WOW one still exist. I hope no one ever cuts it.


----------



## Cmp1 (Dec 20, 2019)

onedude said:


> Man that is a  nice one. I love trees. My favorite where I live is the white oak.
> 
> I love going to Joyce Kilmer Memorial Forest in North Carolina. It has some virgin forest. Some trees are probably 7' in diameter at the ground  and they look like they are still 4' or 5' in diameter 100' off the ground. Well worth the stop if you are in the area.


Any white birch in the area?


----------



## GeorgiaBob (Dec 20, 2019)

That tree is waterproof, bug proof, rot proof, and worm proof. It looks big enough to build an entire boat. That boat would never rot, never get waterlogged, never be eaten by bugs or worms. 

That tree's grandpappy's are the reason swampy southern coasts were settled so heavily - first by pre-Europeans, then by colonists from Europe. Tens of thousands of boats were built out of those trees. Some of those boats still exist! 

By the mid nineteenth century every mature (Cypress must be over a century old to be bug, rot and worm proof) tree had been cut down. The were no full grown cypress rising out of any swamp anywhere within 20 miles of the coast.

I am glad to know that some mature cypress is growing in Florida! I am thrilled to know that so many of our members respect the tree and refuse to cut it. Maybe one day, perhaps within our grandkid's lifetime, we will once again be able to (carefully) harvest mature swamp cypress and make more beautiful boats and furniture (and rifle stocks).


----------



## NCHillbilly (Dec 20, 2019)

GeorgiaBob said:


> That tree is waterproof, bug proof, rot proof, and worm proof. It looks big enough to build an entire boat. That boat would never rot, never get waterlogged, never be eaten by bugs or worms.
> 
> That tree's grandpappy's are the reason swampy southern coasts were settled so heavily - first by pre-Europeans, then by colonists from Europe. Tens of thousands of boats were built out of those trees. Some of those boats still exist!
> 
> ...


I have seen some huge old ones along the Ocmulgee in Wilcox County, and a large stand of 1,000+ year old virgin cypress at the Francis Beidler Forest in the Four Hole Swamp in coastal SC. They are truly impressive trees.


----------



## onedude (Dec 20, 2019)

Cmp1 said:


> Any white birch in the area?


I don't know.


----------



## NCHillbilly (Dec 24, 2019)

onedude said:


> I don't know.


White birch don't grow in the south. There are a couple small stands in the highest elevations of the NC mountains. Mt. Mitchell has a stand. 
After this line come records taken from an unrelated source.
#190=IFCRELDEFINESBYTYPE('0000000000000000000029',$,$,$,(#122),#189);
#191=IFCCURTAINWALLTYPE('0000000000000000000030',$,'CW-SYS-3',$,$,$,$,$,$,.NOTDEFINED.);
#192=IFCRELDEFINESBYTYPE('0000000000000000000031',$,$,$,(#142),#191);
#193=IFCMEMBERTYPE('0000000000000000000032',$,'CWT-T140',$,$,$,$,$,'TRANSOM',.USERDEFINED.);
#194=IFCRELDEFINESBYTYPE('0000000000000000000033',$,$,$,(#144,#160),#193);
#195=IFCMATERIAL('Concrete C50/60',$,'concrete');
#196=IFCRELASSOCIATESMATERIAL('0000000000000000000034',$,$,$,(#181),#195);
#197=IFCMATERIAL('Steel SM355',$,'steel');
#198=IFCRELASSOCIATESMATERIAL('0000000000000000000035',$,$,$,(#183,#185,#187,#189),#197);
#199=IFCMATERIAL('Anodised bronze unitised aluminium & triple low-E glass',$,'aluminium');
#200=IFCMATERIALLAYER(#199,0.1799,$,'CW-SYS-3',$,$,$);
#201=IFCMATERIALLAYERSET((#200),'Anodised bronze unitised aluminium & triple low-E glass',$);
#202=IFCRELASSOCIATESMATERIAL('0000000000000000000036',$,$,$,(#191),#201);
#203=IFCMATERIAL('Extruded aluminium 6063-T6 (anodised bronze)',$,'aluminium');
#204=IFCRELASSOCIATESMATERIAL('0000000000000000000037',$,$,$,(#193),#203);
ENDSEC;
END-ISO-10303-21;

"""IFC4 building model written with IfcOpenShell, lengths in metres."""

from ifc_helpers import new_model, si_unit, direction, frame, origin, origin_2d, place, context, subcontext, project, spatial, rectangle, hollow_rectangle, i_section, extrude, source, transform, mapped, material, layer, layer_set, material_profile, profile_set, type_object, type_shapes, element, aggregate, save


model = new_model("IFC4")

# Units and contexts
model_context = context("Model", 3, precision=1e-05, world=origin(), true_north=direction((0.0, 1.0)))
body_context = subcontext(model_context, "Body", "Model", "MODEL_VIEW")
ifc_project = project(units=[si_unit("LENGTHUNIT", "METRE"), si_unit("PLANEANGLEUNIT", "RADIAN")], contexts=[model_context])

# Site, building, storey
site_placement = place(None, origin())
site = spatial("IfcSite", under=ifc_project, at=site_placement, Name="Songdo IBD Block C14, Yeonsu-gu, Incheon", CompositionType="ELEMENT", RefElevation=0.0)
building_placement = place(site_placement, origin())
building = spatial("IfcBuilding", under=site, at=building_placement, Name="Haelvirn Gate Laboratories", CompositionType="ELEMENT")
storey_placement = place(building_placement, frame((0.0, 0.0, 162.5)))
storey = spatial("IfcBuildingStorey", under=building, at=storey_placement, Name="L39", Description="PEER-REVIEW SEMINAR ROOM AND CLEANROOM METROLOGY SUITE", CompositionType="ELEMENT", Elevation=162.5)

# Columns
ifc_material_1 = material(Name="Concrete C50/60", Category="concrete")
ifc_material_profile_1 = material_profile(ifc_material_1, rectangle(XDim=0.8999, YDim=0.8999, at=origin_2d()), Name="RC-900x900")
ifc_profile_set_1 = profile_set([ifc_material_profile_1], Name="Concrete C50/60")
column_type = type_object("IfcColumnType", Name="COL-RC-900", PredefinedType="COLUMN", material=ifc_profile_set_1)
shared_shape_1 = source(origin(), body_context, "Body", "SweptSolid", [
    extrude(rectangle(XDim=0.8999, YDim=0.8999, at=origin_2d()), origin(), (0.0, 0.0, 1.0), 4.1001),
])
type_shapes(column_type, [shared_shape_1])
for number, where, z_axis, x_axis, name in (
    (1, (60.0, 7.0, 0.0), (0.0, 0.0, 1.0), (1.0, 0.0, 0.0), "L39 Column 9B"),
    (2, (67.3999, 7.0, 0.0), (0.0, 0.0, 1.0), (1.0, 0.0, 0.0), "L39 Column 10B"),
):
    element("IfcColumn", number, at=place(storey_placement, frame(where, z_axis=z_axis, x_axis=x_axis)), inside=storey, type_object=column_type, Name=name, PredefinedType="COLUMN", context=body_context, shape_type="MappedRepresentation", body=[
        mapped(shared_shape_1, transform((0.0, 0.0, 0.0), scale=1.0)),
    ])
River birches are the birch of the southern flatlands.


----------



## Nicodemus (Dec 24, 2019)

River birch is the only birch we have down here, and as good as beavers love em, I don`t know how much longer we`ll have them.


----------



## NCHillbilly (Dec 24, 2019)

Here in the mountains, we have a lot of sweet birch and yellow birch.


----------



## fireman32 (Dec 24, 2019)

Love seeing those old big trees.  There are a few cypress bottoms in Crisp, Dooly and Wilcox that still have some grandpappy trees. There are even a few ancient oaks mostly White and water oaks.


----------



## wooly (Feb 12, 2020)

Thanks for sharing!


----------



## RedClayRoots79 (Feb 13, 2020)

Wow


----------



## Blackston (Feb 14, 2020)

Savannah river swamp has some on both sides


----------



## Mexican Squealer (Feb 14, 2020)

Monsters on Lewis Island...


----------



## Lukikus2 (Feb 14, 2020)

Cool tree.



Cool pump. Very well taken care of. 20 guage?


----------



## RedHills (Feb 14, 2020)

Lukikus2 said:


> Cool tree.
> 
> 
> 
> Cool pump. Very well taken care of. 20 guage?
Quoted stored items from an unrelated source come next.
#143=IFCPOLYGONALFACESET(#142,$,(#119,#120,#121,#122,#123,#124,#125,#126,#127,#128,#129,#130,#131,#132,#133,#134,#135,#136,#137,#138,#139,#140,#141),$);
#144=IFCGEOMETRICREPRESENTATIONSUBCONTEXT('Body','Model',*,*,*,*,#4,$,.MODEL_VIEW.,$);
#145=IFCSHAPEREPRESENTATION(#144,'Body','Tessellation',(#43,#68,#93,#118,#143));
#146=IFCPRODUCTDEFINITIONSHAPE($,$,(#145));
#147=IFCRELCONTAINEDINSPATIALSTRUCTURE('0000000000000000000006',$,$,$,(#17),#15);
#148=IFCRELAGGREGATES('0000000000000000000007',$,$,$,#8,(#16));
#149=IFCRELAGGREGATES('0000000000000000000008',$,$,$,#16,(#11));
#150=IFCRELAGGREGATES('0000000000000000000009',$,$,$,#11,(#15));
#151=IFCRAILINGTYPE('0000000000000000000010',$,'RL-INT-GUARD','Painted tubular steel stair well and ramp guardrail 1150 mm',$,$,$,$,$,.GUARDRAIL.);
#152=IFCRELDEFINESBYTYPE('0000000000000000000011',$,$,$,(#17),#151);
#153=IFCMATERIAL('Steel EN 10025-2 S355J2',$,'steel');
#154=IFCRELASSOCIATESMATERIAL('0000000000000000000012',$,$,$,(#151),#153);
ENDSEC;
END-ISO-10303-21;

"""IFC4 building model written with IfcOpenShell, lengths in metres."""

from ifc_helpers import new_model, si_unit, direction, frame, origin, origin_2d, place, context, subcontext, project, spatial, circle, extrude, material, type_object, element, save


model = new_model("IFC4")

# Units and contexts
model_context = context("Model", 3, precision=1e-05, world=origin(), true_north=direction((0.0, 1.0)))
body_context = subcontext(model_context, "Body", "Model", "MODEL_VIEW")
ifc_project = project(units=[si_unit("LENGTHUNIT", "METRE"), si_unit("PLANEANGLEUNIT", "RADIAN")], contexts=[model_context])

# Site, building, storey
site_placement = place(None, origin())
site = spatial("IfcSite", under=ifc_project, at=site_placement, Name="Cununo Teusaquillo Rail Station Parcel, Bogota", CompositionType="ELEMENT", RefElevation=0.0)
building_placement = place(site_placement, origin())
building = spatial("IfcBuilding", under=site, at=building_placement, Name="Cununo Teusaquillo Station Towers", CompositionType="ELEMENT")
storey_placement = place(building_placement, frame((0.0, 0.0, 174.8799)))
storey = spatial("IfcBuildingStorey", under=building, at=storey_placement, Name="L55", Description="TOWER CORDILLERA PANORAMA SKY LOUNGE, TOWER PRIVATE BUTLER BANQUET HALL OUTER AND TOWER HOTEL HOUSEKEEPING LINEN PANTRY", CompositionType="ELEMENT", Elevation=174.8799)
Lol..yep 870. Had it about 30 yrs


----------



## Redbow (Feb 17, 2020)

I hope the old Cypress stands for many years to come. I have seen quite a few big ones also down in the Great Pee Dee Swamp in SC...We ran across one Coon hunting one night in that swamp, biggest old Cypress I have ever seen...The Coon took up refuge in the old tree he knew he was safe there..


----------



## jiminbogart (Feb 19, 2020)

RedHills said:


> Rest of the story...the top is blowed off it up about 30'.



In that case, I'd love to have it on my sawmill.


----------



## Cmp1 (Feb 19, 2020)

jiminbogart said:


> In that case, I'd love to have it on my sawmill.


That burl would be great,,,,


----------